Now that you know what you’re up against, there are some things you can do.

According to Dr. Singh, “Non-interrupted, restful sleep is one of the most important components of our lives and one which we often neglect. It is critical to rule out sleep apnea in those who snore or are overweight, since long-term untreated sleep apnea can lead to mild cognitive impairment. If you have sleep apnea, use a CPAP machine.” Power napping for a maximum of 20-30 minutes is beneficial, especially if you get 6 hours or less a night. Dr. Singh suggests developing good sleep habits: go to bed the same time each night; no TV in the bedroom; and couples may consider sleeping in separate rooms if one is restless, snores, or gets up several times a night, disturbing the other.
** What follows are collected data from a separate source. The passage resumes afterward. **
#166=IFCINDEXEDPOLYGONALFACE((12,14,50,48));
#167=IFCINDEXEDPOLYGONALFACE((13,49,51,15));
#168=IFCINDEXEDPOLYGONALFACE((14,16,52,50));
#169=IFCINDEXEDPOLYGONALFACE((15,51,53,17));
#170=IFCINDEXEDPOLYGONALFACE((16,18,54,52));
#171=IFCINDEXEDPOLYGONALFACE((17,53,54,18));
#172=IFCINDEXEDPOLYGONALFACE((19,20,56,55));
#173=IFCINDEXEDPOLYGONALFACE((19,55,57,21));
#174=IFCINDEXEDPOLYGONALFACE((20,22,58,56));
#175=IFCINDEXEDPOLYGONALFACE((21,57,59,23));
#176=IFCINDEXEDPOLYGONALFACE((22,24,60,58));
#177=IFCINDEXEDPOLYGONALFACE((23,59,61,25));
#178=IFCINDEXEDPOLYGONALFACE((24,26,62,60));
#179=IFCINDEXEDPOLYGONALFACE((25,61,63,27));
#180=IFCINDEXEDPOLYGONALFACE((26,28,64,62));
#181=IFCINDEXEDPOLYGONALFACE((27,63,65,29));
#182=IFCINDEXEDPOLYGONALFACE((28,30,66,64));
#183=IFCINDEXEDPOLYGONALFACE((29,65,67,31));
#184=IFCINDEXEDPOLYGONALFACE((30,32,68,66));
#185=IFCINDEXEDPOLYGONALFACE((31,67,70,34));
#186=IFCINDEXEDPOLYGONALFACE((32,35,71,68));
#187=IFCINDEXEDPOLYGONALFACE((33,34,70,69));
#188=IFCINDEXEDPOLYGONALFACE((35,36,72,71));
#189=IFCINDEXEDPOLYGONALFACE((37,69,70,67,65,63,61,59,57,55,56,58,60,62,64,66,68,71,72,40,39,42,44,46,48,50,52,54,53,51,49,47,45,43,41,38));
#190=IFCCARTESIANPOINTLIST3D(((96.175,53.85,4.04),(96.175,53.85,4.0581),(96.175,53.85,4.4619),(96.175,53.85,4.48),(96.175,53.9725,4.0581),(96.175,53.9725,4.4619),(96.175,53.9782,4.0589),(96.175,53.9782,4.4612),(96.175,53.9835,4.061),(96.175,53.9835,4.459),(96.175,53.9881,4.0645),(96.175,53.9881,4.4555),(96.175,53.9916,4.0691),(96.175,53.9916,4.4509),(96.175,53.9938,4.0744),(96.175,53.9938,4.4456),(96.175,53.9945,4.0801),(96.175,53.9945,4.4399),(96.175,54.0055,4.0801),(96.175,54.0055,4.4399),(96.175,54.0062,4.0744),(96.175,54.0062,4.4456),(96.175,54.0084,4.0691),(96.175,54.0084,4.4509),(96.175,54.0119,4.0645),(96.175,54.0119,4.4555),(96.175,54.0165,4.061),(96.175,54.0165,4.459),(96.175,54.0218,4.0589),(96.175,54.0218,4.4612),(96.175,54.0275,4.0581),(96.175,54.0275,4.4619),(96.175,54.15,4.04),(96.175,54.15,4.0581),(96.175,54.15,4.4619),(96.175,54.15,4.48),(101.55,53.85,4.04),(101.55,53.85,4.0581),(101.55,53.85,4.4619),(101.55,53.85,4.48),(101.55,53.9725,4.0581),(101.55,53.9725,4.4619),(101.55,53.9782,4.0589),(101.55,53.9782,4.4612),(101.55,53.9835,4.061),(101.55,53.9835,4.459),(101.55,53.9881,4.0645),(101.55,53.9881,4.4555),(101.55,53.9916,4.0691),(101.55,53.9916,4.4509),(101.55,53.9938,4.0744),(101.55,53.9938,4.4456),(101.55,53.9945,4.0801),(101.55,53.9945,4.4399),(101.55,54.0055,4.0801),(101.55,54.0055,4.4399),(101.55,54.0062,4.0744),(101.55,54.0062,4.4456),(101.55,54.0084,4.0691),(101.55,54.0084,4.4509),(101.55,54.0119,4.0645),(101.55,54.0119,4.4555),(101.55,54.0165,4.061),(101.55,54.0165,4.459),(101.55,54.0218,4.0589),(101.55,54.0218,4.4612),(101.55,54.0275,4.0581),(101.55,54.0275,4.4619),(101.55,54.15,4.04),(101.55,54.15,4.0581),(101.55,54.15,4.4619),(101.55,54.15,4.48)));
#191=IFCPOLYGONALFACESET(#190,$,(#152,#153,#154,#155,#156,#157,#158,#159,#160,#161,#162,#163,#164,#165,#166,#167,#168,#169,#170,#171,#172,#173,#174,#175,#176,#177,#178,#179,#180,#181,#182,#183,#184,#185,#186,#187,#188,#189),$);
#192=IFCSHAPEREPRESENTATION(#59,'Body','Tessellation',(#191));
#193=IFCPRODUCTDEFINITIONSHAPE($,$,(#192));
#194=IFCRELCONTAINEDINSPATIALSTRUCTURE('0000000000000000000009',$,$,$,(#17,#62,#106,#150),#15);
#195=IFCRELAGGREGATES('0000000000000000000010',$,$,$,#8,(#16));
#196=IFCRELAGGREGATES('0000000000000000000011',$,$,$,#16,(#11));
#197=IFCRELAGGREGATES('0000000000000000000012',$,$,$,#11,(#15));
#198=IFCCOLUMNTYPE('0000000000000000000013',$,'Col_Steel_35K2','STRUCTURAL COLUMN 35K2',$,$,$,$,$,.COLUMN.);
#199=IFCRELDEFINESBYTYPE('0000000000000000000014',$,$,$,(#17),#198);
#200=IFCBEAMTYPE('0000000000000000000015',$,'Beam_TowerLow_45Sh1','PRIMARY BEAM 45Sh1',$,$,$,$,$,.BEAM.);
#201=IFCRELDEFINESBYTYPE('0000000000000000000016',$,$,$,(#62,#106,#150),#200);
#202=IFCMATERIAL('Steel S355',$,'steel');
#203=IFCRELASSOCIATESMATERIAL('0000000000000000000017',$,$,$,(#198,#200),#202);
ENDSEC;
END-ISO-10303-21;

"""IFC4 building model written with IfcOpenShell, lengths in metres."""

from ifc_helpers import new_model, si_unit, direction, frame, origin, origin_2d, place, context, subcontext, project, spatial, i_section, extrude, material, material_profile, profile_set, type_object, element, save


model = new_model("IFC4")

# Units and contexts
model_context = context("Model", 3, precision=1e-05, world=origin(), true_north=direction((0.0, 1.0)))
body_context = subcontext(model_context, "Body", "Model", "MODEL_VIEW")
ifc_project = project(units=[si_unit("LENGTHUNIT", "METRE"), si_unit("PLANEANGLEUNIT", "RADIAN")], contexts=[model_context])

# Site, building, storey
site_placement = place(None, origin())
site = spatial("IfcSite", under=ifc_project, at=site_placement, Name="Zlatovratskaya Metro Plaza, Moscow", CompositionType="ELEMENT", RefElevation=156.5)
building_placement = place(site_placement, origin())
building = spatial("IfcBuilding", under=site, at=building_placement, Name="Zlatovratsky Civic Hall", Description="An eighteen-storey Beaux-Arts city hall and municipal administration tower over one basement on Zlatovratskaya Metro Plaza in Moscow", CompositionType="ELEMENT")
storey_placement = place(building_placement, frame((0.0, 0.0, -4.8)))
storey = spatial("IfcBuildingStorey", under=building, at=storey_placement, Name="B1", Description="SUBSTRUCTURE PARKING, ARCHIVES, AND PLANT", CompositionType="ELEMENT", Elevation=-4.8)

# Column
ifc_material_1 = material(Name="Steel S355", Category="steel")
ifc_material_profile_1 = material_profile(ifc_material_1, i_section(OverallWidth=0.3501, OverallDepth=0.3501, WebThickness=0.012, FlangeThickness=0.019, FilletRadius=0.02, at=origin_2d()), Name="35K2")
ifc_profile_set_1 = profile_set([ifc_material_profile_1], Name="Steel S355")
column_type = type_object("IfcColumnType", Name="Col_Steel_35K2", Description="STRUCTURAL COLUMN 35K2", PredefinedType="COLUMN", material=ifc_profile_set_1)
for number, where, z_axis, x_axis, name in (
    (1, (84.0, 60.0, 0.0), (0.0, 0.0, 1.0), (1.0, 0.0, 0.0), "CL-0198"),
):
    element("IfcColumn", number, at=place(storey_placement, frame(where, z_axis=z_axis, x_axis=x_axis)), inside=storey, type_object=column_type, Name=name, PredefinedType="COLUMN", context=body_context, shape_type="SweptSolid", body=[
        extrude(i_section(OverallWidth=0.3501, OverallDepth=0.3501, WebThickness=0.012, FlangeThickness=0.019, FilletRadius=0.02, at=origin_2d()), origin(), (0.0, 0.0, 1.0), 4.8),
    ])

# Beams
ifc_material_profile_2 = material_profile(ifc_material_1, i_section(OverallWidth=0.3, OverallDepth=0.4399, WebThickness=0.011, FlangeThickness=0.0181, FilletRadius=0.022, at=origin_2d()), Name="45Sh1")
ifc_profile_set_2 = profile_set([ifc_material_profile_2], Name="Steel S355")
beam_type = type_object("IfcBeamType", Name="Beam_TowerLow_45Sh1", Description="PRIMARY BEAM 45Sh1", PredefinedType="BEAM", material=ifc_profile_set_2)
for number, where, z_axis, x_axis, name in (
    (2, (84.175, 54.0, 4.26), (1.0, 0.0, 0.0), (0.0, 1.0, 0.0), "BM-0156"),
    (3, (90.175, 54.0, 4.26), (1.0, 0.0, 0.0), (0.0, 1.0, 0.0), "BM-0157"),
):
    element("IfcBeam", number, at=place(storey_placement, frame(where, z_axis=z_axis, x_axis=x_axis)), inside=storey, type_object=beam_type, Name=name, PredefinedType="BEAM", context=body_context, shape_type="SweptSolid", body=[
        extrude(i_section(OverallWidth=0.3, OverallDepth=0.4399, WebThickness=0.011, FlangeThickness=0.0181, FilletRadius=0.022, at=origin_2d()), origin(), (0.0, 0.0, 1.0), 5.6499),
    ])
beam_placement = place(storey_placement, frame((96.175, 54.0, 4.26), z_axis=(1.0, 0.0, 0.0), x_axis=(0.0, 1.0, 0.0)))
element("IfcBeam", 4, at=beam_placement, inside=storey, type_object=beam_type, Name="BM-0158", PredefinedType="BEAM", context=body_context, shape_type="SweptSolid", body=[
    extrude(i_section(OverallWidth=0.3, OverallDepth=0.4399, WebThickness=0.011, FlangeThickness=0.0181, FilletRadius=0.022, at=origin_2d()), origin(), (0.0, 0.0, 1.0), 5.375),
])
Change your diet to one that reduces inflammation, such as the Mediterranean diet. This includes foods that are rich in antioxidants, B vitamins, anti-inflammatory fats, plant nutrients, and lean protein. Think multicolored vegetables, fruits, olive oil, nuts, fish, poultry, eggs, herbs, and spices. Dr. Singh recommends eating fish three times per week, cooking with turmeric and ginger, consuming lots of fruits and vegetables that are dark blue, dark green, and dark red, and cutting out three white foods: sugar, salt and white flour. He believes that the Mediterranean way of eating is best for everyone. 

Exercise. Individuals who exercised one hour, three times a week for three months increased cerebral blood flow, enhanced memory, lowered blood pressure, and increased development of nervous tissue. Any activity—cooking, gardening, and walking—helps. “Even a 10-minute walk three days a week will increase blood flow in the frontal temporal region of the brain,” reports Dr. Singh.
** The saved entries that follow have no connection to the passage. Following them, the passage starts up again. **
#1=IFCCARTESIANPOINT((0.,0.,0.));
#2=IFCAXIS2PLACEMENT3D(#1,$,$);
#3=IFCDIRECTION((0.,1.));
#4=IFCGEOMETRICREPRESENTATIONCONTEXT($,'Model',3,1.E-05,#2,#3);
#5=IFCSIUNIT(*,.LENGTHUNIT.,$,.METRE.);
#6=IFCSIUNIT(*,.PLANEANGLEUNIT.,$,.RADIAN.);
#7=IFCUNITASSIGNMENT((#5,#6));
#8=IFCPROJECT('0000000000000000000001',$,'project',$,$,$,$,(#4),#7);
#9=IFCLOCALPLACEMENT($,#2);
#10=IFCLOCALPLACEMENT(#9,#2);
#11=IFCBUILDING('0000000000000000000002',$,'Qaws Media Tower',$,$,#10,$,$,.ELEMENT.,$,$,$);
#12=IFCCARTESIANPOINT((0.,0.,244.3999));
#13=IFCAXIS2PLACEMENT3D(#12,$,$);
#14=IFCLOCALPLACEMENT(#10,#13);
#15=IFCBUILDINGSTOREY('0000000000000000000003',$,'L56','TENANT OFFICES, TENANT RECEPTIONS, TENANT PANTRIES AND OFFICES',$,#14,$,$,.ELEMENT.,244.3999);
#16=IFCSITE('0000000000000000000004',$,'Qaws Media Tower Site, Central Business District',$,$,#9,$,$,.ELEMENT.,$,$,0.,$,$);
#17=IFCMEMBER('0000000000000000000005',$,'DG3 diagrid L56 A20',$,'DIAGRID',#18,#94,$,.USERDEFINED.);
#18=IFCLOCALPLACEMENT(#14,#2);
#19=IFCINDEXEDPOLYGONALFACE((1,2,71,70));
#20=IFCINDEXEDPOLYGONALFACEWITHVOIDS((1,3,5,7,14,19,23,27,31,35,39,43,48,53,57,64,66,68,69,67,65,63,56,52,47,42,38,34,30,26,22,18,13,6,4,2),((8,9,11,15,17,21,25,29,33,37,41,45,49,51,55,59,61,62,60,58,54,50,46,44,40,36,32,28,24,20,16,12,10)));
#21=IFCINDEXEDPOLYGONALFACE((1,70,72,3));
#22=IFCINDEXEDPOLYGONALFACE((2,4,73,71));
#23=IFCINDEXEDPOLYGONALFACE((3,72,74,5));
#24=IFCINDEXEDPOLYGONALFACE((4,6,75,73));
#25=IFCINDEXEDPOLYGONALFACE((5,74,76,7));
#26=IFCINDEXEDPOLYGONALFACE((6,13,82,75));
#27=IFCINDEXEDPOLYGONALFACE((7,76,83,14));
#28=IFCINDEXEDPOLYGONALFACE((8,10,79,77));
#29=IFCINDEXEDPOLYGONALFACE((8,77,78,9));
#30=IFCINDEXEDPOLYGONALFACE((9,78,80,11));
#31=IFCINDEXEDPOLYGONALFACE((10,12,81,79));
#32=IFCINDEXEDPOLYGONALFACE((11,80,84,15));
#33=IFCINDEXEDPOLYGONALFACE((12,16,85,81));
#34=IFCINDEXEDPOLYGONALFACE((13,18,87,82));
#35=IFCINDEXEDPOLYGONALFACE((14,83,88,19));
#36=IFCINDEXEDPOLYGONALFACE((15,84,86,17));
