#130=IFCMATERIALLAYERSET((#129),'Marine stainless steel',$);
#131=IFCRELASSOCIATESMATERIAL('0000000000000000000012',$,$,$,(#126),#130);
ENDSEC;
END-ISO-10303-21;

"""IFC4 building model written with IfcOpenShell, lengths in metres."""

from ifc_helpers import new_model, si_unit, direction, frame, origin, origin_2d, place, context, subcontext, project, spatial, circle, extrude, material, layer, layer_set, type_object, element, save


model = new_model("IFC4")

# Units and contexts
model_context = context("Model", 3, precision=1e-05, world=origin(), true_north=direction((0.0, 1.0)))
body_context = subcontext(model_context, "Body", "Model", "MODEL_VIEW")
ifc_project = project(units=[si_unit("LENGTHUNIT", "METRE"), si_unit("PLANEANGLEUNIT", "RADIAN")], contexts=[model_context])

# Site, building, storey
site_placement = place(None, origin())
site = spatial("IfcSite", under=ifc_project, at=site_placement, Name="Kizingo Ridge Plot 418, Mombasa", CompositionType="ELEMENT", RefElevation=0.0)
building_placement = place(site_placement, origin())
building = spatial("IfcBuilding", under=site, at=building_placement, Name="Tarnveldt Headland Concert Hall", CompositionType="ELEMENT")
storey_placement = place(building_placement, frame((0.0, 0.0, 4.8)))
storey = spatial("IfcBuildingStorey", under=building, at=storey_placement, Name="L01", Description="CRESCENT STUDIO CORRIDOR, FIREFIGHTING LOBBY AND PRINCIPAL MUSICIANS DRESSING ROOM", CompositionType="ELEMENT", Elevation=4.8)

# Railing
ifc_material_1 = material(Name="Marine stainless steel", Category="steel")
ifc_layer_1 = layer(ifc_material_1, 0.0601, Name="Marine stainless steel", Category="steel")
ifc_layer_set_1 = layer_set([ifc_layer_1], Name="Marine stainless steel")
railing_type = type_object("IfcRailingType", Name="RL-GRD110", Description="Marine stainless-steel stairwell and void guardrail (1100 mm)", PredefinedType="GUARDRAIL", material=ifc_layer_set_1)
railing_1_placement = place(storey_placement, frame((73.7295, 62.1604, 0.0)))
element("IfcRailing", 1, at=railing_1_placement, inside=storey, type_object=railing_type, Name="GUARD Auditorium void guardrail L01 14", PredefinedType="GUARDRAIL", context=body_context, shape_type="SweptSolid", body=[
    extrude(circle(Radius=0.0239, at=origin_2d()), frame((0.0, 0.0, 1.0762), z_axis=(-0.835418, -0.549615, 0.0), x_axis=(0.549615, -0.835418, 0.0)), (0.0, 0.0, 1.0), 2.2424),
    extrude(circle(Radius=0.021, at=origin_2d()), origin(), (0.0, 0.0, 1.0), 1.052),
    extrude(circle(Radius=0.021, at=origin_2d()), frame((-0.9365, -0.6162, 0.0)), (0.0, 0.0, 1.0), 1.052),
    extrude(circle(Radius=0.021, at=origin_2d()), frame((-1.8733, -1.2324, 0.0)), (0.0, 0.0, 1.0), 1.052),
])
Another big factor is social engagement. Those who are closely connected to others, have confidants, and solid people skills, can slow the progression of Alzheimer’s.

Learn new skills such as a foreign language or music, try new hobbies, and challenge yourself. Dr. Singh suggests that everyone follow the “twenty-second rule,” wherever they are, whatever their cognitive ability. “Before you leave your home, the restaurant, my office, take twenty seconds to scan the area to make sure you have all your belongings. It keeps you sharp, and you’re not running out the door and back in again to grab your car keys.”

Manage your stress by meditating, relaxing, having fun, being positive, spending time outdoors. Don’t smoke. Be mindful of alcohol use. While some people believe that doing crossword puzzles help prevent Alzheimer’s, Dr. Singh reminds us that those puzzles tap into long-term memory, not the short-term memory that is affected by the disease.

Sarah Milligan states, “With the current number of those affected and those who will be affected based on the present disease trajectory, everyone will know some one who has the disease. This is why it is so important for everyone to understand what Alzheimer’s disease and dementia is, the warning signs, and their potential risk of developing the disease. Especially given strong and growing evidence that maintenance and management of physical health and lifestyle factors is impactful in reducing risk.”

Note: Dr. Singh’s book, “How to Keep Your Memory Sharp in Old Age,” will be available early 2019.